Researchers say they have developed a technique to generate many small, different proteins that can be designed to bind to therapeutic targets. They add that their methodology, which reportedly produces thousands of new drug candidates, may lead to protection against infectious diseases, such as influenza, and antidotes to nerve toxins.
The computer-designed proteins, which did not previously exist in nature, combine the stability and bioavailability of small-molecule drugs with the specificity and potency of larger biologics, according to David Baker, Ph.D., who led the multi-institutional research project and is professor of biochemistry at the University of Washington School of Medicine and director of the UW Institute for Protein Design.
“These mini-protein binders have the potential of becoming a new class of drugs that bridge the gap between small-molecule drugs and biologics. Like monoclonal antibodies, they can be designed to bind to targets with high selectivity, but they are more stable and easier to produce and to administer,” said Dr. Baker who with colleagues published their study in Nature (“Massively Parallel De Novo Protein Design for Targeted Therapeutics”).
The technique relies on the Rosetta computer platform, developed by Dr. Baker and colleagues at the University of Washington. They designed thousands of short proteins, about 40 amino acids in length, that the Rosetta program predicted would bind tightly to the molecular target.
Because of their small size, these short proteins tend to be extremely stable. They can be stored without refrigeration, noted Dr. Baker, who added that they also are more easily administered than large protein drugs, such as monoclonal antibodies.
In the past short, protein-binder drugs were usually re-engineered versions of naturally occurring proteins. But studies showed they didn't work much better than monoclonal antibodies. Because these mini-proteins binders are original designs, they can be tailored to fit their targets much more tightly and are simpler to modify and refine, continued Dr. Baker.
In this study, the team designed two sets of proteins: one to prevent the influenza virus from invading cells and another that would bind to and neutralize a deadly nerve toxin from botulism, a potential bioweapon.

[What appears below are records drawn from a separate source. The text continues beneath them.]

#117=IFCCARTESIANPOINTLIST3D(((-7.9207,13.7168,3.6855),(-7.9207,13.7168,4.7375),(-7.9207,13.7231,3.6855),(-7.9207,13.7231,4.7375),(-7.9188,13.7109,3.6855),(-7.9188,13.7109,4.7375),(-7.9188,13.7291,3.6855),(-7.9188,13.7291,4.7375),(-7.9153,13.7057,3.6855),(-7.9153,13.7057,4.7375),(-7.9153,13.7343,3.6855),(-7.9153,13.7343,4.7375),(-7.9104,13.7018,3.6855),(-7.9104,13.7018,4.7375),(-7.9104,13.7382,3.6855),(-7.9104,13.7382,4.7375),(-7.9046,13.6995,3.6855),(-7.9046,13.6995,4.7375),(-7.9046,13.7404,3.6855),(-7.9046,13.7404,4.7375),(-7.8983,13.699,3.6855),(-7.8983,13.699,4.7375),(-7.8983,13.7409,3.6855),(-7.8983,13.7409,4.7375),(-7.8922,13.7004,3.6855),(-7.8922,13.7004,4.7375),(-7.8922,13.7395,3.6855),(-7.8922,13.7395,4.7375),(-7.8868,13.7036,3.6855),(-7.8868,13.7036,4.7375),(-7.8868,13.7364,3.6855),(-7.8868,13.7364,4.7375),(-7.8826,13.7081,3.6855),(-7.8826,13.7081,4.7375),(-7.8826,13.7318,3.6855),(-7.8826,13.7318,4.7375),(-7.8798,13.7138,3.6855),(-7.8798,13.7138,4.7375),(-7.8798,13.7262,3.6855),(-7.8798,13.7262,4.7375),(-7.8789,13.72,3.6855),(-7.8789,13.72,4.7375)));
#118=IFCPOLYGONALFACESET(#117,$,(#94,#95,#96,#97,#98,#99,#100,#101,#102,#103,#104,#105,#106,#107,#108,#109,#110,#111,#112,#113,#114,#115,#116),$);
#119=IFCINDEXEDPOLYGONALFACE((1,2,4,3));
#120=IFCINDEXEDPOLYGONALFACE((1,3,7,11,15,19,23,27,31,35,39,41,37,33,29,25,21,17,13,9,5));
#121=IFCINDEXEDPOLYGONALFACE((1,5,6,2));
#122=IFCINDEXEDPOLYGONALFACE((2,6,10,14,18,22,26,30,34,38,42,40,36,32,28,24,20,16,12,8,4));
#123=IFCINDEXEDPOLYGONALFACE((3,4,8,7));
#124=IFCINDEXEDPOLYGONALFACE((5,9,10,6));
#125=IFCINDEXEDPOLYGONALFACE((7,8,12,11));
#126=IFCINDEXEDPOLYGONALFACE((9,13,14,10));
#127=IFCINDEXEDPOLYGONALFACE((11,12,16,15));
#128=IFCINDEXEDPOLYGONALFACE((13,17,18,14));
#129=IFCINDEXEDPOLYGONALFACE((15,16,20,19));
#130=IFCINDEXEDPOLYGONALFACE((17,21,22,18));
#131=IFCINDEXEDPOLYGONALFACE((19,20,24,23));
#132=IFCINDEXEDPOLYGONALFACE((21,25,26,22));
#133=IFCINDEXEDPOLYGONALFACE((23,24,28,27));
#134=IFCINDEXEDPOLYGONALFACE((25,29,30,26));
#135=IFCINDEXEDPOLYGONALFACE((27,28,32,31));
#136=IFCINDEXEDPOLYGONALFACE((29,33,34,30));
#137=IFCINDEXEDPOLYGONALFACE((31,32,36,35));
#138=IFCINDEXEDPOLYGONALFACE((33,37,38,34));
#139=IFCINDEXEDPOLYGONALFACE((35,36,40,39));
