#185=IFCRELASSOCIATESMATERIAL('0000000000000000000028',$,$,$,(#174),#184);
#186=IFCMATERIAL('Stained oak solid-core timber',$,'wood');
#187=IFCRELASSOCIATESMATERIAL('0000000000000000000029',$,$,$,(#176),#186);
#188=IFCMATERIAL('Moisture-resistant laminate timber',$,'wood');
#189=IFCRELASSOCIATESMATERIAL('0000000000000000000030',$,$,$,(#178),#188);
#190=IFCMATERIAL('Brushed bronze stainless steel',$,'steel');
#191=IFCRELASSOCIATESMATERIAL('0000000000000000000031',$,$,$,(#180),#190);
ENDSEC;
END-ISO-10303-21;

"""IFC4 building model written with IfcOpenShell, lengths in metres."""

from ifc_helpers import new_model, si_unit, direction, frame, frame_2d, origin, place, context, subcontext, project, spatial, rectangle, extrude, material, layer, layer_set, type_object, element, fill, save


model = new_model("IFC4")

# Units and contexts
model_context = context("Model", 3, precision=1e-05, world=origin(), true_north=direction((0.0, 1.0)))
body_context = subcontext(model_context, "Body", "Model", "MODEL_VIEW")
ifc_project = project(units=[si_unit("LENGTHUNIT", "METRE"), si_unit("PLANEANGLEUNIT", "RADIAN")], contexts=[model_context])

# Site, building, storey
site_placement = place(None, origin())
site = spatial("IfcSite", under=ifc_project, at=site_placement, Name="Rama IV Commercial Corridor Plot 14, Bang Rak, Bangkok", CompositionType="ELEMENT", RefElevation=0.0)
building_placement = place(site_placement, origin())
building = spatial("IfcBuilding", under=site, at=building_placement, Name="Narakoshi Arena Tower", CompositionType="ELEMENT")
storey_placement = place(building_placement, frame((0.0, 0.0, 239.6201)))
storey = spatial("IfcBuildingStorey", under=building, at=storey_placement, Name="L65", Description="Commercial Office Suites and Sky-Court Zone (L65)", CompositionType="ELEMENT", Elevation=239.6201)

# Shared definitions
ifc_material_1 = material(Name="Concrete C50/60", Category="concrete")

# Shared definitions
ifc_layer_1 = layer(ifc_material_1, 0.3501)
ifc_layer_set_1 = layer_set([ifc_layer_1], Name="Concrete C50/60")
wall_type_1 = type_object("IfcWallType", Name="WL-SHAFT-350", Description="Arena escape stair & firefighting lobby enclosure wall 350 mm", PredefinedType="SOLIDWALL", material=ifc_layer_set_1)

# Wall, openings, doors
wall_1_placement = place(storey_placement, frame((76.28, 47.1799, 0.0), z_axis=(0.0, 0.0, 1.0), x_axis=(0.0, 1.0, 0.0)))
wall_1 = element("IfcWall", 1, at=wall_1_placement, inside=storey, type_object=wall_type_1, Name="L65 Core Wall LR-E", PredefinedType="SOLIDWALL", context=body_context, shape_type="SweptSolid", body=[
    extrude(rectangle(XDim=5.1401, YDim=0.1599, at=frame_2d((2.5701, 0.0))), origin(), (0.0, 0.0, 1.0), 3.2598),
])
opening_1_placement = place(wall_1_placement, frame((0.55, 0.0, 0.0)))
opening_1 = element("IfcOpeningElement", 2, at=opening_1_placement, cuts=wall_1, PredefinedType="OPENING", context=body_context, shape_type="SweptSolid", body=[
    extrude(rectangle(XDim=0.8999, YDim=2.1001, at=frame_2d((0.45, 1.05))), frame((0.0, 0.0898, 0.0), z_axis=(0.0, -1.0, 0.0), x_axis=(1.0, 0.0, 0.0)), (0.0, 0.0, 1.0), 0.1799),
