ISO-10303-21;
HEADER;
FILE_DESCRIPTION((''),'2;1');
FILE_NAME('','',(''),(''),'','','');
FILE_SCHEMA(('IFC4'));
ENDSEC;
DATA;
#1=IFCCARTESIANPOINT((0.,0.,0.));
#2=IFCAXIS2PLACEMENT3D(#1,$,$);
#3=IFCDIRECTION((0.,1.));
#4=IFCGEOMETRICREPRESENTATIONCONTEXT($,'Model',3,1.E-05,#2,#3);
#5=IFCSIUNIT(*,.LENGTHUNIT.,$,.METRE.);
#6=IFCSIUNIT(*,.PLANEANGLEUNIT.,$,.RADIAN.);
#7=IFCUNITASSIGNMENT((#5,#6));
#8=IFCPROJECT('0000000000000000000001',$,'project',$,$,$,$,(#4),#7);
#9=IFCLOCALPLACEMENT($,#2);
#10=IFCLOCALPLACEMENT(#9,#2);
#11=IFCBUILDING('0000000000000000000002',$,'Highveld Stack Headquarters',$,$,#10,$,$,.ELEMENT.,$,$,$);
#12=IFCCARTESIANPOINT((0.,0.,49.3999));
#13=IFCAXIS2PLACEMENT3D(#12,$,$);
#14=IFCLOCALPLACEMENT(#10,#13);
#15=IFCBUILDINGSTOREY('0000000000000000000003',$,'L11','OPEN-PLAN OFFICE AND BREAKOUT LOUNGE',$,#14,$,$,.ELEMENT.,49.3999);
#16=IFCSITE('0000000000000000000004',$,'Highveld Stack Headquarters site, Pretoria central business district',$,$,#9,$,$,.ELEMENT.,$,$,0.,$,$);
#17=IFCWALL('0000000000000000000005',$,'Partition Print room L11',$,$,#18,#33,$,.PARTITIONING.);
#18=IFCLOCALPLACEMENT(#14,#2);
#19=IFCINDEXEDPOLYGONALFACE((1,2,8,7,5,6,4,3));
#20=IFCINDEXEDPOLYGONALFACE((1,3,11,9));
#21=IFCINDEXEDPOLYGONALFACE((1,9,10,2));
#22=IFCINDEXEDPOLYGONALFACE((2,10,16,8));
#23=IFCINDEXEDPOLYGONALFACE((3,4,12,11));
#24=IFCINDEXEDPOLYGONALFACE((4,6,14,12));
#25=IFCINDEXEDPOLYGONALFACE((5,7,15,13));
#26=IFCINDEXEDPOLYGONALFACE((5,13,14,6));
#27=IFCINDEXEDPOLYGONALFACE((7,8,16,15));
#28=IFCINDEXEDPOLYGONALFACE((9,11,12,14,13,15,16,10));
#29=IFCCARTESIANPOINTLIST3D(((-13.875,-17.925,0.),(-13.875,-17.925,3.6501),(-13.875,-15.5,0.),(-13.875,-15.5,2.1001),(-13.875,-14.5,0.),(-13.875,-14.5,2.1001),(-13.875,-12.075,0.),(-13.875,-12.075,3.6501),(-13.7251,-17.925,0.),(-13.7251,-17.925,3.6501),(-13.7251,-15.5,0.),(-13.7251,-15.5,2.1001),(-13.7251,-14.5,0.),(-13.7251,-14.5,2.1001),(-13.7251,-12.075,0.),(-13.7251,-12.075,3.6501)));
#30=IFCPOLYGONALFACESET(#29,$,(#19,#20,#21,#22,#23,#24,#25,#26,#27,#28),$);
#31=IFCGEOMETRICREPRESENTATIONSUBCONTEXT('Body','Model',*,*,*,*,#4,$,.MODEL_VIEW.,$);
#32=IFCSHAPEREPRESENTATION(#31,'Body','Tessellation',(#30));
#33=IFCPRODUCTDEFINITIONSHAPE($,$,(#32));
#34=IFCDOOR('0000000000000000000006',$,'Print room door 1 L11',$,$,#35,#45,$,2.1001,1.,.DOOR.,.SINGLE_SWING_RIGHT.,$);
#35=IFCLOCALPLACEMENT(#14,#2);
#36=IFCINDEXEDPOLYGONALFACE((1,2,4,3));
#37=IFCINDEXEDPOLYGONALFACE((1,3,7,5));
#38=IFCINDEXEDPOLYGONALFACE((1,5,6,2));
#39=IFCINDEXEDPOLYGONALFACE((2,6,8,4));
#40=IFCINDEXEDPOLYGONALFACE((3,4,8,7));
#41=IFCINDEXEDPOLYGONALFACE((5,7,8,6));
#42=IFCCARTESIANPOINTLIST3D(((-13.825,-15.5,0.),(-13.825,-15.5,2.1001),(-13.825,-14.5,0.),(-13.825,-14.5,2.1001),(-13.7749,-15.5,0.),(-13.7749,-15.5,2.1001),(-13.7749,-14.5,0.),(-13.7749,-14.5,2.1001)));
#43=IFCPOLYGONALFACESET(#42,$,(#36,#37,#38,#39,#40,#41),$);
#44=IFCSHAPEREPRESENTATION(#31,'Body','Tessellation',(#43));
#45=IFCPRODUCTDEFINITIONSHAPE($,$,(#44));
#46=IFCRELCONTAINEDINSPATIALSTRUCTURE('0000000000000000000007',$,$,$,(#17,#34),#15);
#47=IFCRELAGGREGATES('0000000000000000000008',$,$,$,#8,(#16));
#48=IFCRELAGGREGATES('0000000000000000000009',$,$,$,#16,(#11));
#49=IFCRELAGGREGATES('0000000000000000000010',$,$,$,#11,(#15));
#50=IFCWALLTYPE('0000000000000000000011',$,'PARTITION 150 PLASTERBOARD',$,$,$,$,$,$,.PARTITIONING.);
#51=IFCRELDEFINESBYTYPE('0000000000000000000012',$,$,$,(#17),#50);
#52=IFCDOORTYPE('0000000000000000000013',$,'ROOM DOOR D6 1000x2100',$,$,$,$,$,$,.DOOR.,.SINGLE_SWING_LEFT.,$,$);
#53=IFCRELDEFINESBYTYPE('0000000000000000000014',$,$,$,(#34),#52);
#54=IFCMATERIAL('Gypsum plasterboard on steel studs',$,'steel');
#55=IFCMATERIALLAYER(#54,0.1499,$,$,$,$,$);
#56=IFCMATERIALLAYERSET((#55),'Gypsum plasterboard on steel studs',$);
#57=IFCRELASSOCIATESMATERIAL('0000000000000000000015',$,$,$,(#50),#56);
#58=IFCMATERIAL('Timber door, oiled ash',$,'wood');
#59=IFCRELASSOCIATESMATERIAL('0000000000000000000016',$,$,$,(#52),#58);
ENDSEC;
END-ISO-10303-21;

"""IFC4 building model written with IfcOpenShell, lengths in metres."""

from ifc_helpers import new_model, si_unit, direction, frame, frame_2d, origin, place, context, subcontext, project, spatial, rectangle, extrude, material, layer, layer_set, type_object, element, fill, save


model = new_model("IFC4")

# Units and contexts
model_context = context("Model", 3, precision=1e-05, world=origin(), true_north=direction((0.0, 1.0)))
body_context = subcontext(model_context, "Body", "Model", "MODEL_VIEW")
ifc_project = project(units=[si_unit("LENGTHUNIT", "METRE"), si_unit("PLANEANGLEUNIT", "RADIAN")], contexts=[model_context])

# Site, building, storey
site_placement = place(None, origin())
site = spatial("IfcSite", under=ifc_project, at=site_placement, Name="Highveld Stack Headquarters site, Pretoria central business district", CompositionType="ELEMENT", RefElevation=0.0)
building_placement = place(site_placement, origin())
building = spatial("IfcBuilding", under=site, at=building_placement, Name="Highveld Stack Headquarters", CompositionType="ELEMENT")
storey_placement = place(building_placement, frame((0.0, 0.0, 49.3999)))
storey = spatial("IfcBuildingStorey", under=building, at=storey_placement, Name="L11", Description="OPEN-PLAN OFFICE AND BREAKOUT LOUNGE", CompositionType="ELEMENT", Elevation=49.3999)

# Shared definitions
ifc_material_1 = material(Name="Gypsum plasterboard on steel studs", Category="steel")
ifc_layer_1 = layer(ifc_material_1, 0.1499)
ifc_layer_set_1 = layer_set([ifc_layer_1], Name="Gypsum plasterboard on steel studs")
wall_type = type_object("IfcWallType", Name="PARTITION 150 PLASTERBOARD", PredefinedType="PARTITIONING", material=ifc_layer_set_1)

# Wall, opening, door
wall_1_placement = place(storey_placement, frame((-13.8, -17.925, 0.0), z_axis=(0.0, 0.0, 1.0), x_axis=(0.0, 1.0, 0.0)))
wall_1 = element("IfcWall", 1, at=wall_1_placement, inside=storey, type_object=wall_type, Name="Partition Print room L11", PredefinedType="PARTITIONING", context=body_context, shape_type="SweptSolid", body=[
    extrude(rectangle(XDim=5.8501, YDim=0.1499, at=frame_2d((2.925, 0.0))), origin(), (0.0, 0.0, 1.0), 3.6501),
])
opening_placement = place(wall_1_placement, frame((2.425, 0.0, 0.0)))
opening = element("IfcOpeningElement", 2, at=opening_placement, cuts=wall_1, PredefinedType="OPENING", context=body_context, shape_type="SweptSolid", body=[
    extrude(rectangle(XDim=1.0, YDim=2.1001, at=frame_2d((0.5, 1.05))), frame((0.0, 0.085, 0.0), z_axis=(0.0, -1.0, 0.0), x_axis=(1.0, 0.0, 0.0)), (0.0, 0.0, 1.0), 0.1699),
])
ifc_material_2 = material(Name="Timber door, oiled ash", Category="wood")
door_type = type_object("IfcDoorType", Name="ROOM DOOR D6 1000x2100", OperationType="SINGLE_SWING_LEFT", PredefinedType="DOOR", material=ifc_material_2)
door_placement = place(opening_placement, origin())
door = element("IfcDoor", 3, at=door_placement, inside=storey, type_object=door_type, Name="Print room door 1 L11", OperationType="SINGLE_SWING_RIGHT", OverallHeight=2.1001, OverallWidth=1.0, PredefinedType="DOOR", context=body_context, shape_type="SweptSolid", body=[
    extrude(rectangle(XDim=1.0, YDim=2.1001, at=frame_2d((0.5, 1.05))), frame((0.0, 0.0249, 0.0), z_axis=(0.0, -1.0, 0.0), x_axis=(1.0, 0.0, 0.0)), (0.0, 0.0, 1.0), 0.05),
])
fill(opening, door)

save(model, "model.ifc")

Computer modeling identified the amino acid sequences of thousands of short proteins that would fit into and bind to the influenza and botulinum targets. The team created short pieces of DNA that coded each of these proteins, grew the proteins in yeast cells, and then looked at how tightly they bound to their targets. The targets were Influenza H1 hemagglutinin and botulinum neurotoxin B.
The technique allowed them to design and test 22,660 proteins in just a few months, with more than than 2000 of them bound to their targets with high affinity, according to Dr. Baker. He pointed out that of the best candidates found the anti-influenza proteins neutralized viruses in cell culture and other designed proteins prevented the botulinum toxin from entering brain cells.
A nasal spray containing one of the custom-designed proteins completely protected mice from the flu if administered before or as much as 72 hours after exposure. The protection that the treatment provides equaled or surpassed that seen with antibodies, the researchers report.
Testing of a subset of the proteins showed that they were extremely stable and, unlike antibodies, did not become inactivated by high temperatures. The small proteins also triggered little or no immune response, a problem that often renders larger protein drugs ineffective, said Dr. Baker.